The justification tells the operator to approve only if the value is a false positive or a credential the request legitimately needs. The addon then polls <proposal-id>.response.json for EGRESS_TOKEN_ALLOW_TIMEOUT_SECONDS (default 300). approved/modified allow the request and add the value to the safe-tokens set; rejected, malformed responses, and timeout fail the request closed. The proposal + response are archived to processed/ after a decision.
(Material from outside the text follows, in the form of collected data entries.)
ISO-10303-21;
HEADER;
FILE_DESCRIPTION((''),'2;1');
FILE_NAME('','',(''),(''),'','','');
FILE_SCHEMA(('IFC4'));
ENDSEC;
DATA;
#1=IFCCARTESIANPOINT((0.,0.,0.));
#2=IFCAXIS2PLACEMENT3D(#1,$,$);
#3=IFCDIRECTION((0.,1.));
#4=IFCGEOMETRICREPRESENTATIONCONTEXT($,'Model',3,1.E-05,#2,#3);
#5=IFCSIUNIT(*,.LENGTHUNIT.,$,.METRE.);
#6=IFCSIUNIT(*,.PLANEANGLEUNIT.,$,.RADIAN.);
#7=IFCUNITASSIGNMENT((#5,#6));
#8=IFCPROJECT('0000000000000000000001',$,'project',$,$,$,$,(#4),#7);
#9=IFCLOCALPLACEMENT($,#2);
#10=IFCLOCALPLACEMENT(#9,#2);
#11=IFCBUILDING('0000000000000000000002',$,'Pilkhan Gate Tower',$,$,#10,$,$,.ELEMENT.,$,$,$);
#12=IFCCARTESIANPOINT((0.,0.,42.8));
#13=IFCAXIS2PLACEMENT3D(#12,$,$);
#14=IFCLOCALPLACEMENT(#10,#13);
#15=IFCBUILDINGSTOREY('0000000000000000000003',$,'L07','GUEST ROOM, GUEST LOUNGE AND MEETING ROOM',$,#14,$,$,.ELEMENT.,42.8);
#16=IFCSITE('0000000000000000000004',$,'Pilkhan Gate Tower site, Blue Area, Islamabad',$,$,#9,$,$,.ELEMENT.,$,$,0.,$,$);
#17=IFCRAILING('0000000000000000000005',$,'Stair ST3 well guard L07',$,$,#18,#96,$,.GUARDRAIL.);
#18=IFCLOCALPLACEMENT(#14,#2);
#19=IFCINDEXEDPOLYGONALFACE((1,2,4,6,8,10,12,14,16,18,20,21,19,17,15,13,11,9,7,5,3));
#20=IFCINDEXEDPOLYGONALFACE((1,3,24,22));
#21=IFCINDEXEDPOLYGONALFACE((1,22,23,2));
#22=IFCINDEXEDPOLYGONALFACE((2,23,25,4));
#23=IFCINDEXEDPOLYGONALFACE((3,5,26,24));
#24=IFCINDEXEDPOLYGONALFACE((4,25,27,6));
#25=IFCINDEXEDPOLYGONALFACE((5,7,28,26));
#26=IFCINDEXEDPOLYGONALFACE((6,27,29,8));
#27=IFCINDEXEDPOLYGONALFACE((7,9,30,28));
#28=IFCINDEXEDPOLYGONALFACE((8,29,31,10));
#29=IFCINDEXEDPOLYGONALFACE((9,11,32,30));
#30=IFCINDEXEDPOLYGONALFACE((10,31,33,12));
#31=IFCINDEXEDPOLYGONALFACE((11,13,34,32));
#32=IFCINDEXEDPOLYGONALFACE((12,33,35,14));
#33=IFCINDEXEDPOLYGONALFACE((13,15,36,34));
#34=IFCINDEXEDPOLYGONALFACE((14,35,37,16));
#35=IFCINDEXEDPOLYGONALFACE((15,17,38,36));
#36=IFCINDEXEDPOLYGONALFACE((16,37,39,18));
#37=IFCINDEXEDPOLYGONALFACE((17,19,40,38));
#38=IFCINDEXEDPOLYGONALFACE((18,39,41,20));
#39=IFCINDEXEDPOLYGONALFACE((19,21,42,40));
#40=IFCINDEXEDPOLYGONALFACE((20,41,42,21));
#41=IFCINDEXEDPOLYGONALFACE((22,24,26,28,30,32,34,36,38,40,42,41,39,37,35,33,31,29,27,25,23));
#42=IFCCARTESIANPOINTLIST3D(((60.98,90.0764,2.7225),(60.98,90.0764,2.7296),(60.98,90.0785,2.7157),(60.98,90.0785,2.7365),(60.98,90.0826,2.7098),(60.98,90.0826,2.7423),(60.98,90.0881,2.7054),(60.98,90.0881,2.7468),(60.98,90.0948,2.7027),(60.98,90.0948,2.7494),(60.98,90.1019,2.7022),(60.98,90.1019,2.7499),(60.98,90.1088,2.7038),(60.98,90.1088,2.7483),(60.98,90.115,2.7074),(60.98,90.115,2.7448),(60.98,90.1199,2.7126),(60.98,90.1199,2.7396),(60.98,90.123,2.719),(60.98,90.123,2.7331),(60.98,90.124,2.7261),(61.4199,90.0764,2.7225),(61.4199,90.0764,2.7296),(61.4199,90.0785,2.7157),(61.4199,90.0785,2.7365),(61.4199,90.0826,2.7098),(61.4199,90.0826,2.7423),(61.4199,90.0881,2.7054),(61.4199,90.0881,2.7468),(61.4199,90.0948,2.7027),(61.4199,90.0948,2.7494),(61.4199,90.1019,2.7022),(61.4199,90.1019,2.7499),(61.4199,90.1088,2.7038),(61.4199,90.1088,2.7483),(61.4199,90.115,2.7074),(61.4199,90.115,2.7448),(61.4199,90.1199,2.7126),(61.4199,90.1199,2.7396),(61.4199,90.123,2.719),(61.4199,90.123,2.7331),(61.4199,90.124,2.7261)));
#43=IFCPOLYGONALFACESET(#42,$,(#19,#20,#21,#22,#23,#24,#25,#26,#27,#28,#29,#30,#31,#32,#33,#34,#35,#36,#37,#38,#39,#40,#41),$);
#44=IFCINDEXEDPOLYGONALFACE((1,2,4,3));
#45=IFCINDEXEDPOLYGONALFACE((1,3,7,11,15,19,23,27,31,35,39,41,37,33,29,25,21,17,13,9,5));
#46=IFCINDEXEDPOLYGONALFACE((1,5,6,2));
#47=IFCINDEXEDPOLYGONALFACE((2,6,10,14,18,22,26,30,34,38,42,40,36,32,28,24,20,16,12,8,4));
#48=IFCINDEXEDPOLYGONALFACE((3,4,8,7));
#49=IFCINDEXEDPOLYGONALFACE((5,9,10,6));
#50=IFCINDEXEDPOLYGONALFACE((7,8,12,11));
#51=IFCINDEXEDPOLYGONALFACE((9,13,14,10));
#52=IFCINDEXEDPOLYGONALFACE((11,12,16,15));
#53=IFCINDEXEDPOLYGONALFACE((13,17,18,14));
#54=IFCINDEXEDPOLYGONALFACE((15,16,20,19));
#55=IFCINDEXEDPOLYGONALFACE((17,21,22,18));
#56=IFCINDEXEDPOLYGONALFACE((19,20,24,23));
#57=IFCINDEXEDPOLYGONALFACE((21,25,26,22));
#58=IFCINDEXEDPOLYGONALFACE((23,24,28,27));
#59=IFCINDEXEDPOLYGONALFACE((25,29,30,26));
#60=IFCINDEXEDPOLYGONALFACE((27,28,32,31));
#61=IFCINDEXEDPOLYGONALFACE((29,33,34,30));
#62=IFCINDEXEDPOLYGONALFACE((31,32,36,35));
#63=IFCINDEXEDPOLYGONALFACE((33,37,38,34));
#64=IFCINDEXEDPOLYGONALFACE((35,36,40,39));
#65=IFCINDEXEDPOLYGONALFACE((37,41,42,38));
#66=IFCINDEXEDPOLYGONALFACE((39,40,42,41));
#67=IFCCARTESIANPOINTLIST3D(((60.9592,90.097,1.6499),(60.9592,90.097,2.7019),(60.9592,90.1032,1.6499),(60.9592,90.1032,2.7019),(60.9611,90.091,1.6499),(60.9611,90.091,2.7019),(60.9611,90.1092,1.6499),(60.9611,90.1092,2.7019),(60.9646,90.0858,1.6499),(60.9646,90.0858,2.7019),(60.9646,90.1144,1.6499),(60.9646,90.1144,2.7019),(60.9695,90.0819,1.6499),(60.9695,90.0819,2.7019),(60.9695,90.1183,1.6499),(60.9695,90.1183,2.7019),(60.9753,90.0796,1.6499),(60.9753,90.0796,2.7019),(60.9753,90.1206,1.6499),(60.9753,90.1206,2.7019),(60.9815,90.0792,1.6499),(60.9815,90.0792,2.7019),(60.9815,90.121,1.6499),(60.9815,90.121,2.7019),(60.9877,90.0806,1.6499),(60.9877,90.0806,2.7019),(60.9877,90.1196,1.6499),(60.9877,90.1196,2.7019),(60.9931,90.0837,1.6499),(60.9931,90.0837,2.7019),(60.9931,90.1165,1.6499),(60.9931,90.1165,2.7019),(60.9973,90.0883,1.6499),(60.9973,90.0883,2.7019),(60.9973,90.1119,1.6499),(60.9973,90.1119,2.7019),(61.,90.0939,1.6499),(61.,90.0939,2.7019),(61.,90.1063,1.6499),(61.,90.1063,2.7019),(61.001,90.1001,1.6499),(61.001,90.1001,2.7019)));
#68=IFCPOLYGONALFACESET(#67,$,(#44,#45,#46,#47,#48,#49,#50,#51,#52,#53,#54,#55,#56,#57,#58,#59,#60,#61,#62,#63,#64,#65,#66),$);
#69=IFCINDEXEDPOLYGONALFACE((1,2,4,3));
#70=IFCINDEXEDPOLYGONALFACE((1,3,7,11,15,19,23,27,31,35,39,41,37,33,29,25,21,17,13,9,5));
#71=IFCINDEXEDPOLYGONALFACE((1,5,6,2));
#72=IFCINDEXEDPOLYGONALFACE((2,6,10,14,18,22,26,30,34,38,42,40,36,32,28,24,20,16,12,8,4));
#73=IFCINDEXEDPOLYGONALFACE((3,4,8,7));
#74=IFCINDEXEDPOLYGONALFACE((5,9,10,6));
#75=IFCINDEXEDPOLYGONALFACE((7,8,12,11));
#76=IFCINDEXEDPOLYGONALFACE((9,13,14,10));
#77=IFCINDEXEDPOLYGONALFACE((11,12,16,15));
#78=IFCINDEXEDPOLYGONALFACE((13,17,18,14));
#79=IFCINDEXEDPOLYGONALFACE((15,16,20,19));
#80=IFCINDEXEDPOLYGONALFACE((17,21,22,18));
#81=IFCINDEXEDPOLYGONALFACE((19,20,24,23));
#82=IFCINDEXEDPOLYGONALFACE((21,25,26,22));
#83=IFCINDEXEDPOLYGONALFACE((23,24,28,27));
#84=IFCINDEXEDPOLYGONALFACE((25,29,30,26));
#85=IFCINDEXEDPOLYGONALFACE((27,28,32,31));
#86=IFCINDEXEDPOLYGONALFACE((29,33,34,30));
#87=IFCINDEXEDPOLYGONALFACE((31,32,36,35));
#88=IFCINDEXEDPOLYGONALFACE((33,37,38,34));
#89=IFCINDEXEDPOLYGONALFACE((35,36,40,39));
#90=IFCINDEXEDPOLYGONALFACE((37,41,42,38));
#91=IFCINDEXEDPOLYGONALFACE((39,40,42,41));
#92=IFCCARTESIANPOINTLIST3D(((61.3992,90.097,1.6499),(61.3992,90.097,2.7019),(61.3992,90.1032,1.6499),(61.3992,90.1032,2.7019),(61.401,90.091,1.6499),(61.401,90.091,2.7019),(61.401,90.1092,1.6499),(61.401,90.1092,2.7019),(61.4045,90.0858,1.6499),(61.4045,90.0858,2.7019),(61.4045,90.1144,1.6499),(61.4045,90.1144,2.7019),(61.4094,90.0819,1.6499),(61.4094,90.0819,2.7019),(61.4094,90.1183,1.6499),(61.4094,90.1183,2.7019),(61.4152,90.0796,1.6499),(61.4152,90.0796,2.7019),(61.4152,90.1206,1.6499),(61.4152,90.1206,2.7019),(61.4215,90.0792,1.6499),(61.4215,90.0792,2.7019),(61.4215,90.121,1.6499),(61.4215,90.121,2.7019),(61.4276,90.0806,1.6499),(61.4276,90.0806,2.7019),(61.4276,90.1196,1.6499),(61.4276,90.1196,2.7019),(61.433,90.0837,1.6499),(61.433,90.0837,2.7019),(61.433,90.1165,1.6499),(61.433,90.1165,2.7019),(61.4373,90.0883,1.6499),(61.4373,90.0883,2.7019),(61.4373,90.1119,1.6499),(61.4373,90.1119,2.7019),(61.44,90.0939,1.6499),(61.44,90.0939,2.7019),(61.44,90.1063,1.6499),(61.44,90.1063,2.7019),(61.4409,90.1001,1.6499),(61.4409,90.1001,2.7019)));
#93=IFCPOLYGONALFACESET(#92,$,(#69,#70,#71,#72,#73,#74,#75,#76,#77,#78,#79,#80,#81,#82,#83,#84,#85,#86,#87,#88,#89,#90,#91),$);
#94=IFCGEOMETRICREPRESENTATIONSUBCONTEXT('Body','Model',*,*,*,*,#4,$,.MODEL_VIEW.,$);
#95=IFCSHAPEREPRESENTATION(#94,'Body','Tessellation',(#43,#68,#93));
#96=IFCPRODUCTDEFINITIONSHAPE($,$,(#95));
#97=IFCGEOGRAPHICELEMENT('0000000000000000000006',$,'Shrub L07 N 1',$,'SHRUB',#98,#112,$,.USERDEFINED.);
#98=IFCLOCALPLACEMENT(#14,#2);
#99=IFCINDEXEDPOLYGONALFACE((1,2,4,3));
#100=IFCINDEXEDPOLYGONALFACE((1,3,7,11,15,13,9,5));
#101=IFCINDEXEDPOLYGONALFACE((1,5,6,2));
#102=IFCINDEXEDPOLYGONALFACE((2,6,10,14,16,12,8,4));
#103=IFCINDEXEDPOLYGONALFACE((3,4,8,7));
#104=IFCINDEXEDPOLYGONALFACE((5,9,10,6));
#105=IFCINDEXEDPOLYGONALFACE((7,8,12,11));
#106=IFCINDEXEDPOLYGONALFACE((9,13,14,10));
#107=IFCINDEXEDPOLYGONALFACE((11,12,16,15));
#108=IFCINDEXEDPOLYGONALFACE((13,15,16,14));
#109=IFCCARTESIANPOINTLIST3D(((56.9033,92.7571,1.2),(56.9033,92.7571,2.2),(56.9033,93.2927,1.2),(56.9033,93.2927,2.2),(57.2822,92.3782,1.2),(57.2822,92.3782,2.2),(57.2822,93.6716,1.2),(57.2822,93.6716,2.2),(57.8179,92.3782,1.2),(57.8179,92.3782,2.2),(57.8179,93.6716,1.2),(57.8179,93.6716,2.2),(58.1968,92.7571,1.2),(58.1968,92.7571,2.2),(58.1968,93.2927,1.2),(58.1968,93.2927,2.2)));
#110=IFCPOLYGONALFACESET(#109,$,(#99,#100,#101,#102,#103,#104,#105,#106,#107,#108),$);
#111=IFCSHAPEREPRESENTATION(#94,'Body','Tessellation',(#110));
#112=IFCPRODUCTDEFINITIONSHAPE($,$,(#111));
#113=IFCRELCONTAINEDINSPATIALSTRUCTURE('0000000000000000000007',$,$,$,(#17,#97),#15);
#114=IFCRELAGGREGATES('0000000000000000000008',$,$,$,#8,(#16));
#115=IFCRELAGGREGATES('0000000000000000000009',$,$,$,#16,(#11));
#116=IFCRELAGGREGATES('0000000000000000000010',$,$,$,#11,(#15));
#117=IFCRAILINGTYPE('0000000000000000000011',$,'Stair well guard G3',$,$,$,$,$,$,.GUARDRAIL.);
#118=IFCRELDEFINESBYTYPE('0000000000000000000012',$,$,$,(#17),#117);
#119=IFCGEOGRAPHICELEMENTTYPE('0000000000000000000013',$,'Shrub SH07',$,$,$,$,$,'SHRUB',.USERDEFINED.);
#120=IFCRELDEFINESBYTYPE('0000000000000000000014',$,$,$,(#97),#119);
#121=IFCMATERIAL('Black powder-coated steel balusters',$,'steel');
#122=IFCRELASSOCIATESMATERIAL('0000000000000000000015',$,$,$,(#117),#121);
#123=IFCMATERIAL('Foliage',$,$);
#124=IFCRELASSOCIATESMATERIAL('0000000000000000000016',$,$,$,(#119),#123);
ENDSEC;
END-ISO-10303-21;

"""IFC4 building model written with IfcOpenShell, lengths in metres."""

from ifc_helpers import new_model, si_unit, direction, frame, origin, origin_2d, place, context, subcontext, project, spatial, polyline, circle, outline, extrude, material, material_profile, profile_set, type_object, element, save


model = new_model("IFC4")

# Units and contexts
model_context = context("Model", 3, precision=1e-05, world=origin(), true_north=direction((0.0, 1.0)))
body_context = subcontext(model_context, "Body", "Model", "MODEL_VIEW")
ifc_project = project(units=[si_unit("LENGTHUNIT", "METRE"), si_unit("PLANEANGLEUNIT", "RADIAN")], contexts=[model_context])

# Site, building, storey
site_placement = place(None, origin())
site = spatial("IfcSite", under=ifc_project, at=site_placement, Name="Pilkhan Gate Tower site, Blue Area, Islamabad", CompositionType="ELEMENT", RefElevation=0.0)
building_placement = place(site_placement, origin())
building = spatial("IfcBuilding", under=site, at=building_placement, Name="Pilkhan Gate Tower", CompositionType="ELEMENT")
storey_placement = place(building_placement, frame((0.0, 0.0, 42.8)))
storey = spatial("IfcBuildingStorey", under=building, at=storey_placement, Name="L07", Description="GUEST ROOM, GUEST LOUNGE AND MEETING ROOM", CompositionType="ELEMENT", Elevation=42.8)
Because the wait happens inside mitmproxy's asyncio loop, the addon's request hook is async and polls with asyncio.sleep, so concurrent flows are unaffected.

Existing code touched

• Policy threading. dlp.outbound_on_match is a per-route enum threaded from the bottle manifest (manifest_egress) through the resolved route (egress.EgressRoute), the rendered routes.yaml (egress_render_routes), and the addon's Route (egress_addon_core). Unset renders nothing and resolves to supervise at request time. The list-egress-routes introspection endpoint round-trips it so the agent's proposals preserve it.
• Provider-route default. Agent-provider routes (the agent talking to its own LLM API — api.anthropic.com, the Codex backend, etc.) are the worst source of token-shaped false positives because the whole conversation payload flows through them. egress_routes_for_bottle fills outbound_on_match=redact on any provider route that doesn't set it explicitly; a provider that sets the policy keeps its choice, and manifest routes are unaffected (they default to supervise).
• Scanners. scan_outbound (and the token detectors scan_token_patterns / scan_known_secrets it calls) accept a safe_tokens set. A match whose value is in safe_tokens is skipped, so an approved token no longer blocks; the scanners keep searching past a safelisted match so a second, un-approved secret in the same request is still caught. The WebSocket path is passed the same safe_tokens set.
• Supervisor UI. cli/supervise.py renders egress-token-allow like gitleaks-allow: the text payload is shown, modify is unavailable (there is no file patch to edit), and approval prompts for a non-empty reason recorded in the response notes. There is no on-disk config diff, so — like gitleaks-allow and capability-block — it writes no egress audit-log entry.
• Failure handling. If SUPERVISE_QUEUE_DIR / SUPERVISE_BOTTLE_SLUG are unset (supervise disabled for the bottle), the addon skips the queue and returns the existing 403. Any error writing the proposal or reading the response also fails closed.

Data model changes

• New per-route manifest field dlp.outbound_on_match: block | redact | supervise, rendered into routes.yaml (omitted when unset).
• ScanResult gains a matched: str = "" field carrying the raw substring the detector matched. The token detectors populate it; the structural CRLF detector leaves it empty. The value stays inside the egress sidecar process — never written to a log line (logs use the redacted context) nor to the proposal file.
• Proposal text payload (above) plus <proposal-id>.response.json in SUPERVISE_QUEUE_DIR, archived to processed/ after a decision.
• New env var EGRESS_TOKEN_ALLOW_TIMEOUT_SECONDS (default 300).

External dependencies

None. Reuses the existing supervisor queue (SUPERVISE_QUEUE_DIR) and the mitmproxy addon framework already in the egress sidecar.

Open questions

• Should known_secrets (provisioned EGRESS_TOKEN_* exfiltration) be override-able at all, or only token_patterns? This PRD allows both — approval is an explicit operator decision and the safe-tokens set matches the exact found value — but a future revision could restrict known_secrets to reject-only.

References

• Issue #261
• PRD 0061 — gitleaks-allow supervisor proposal pattern this reuses.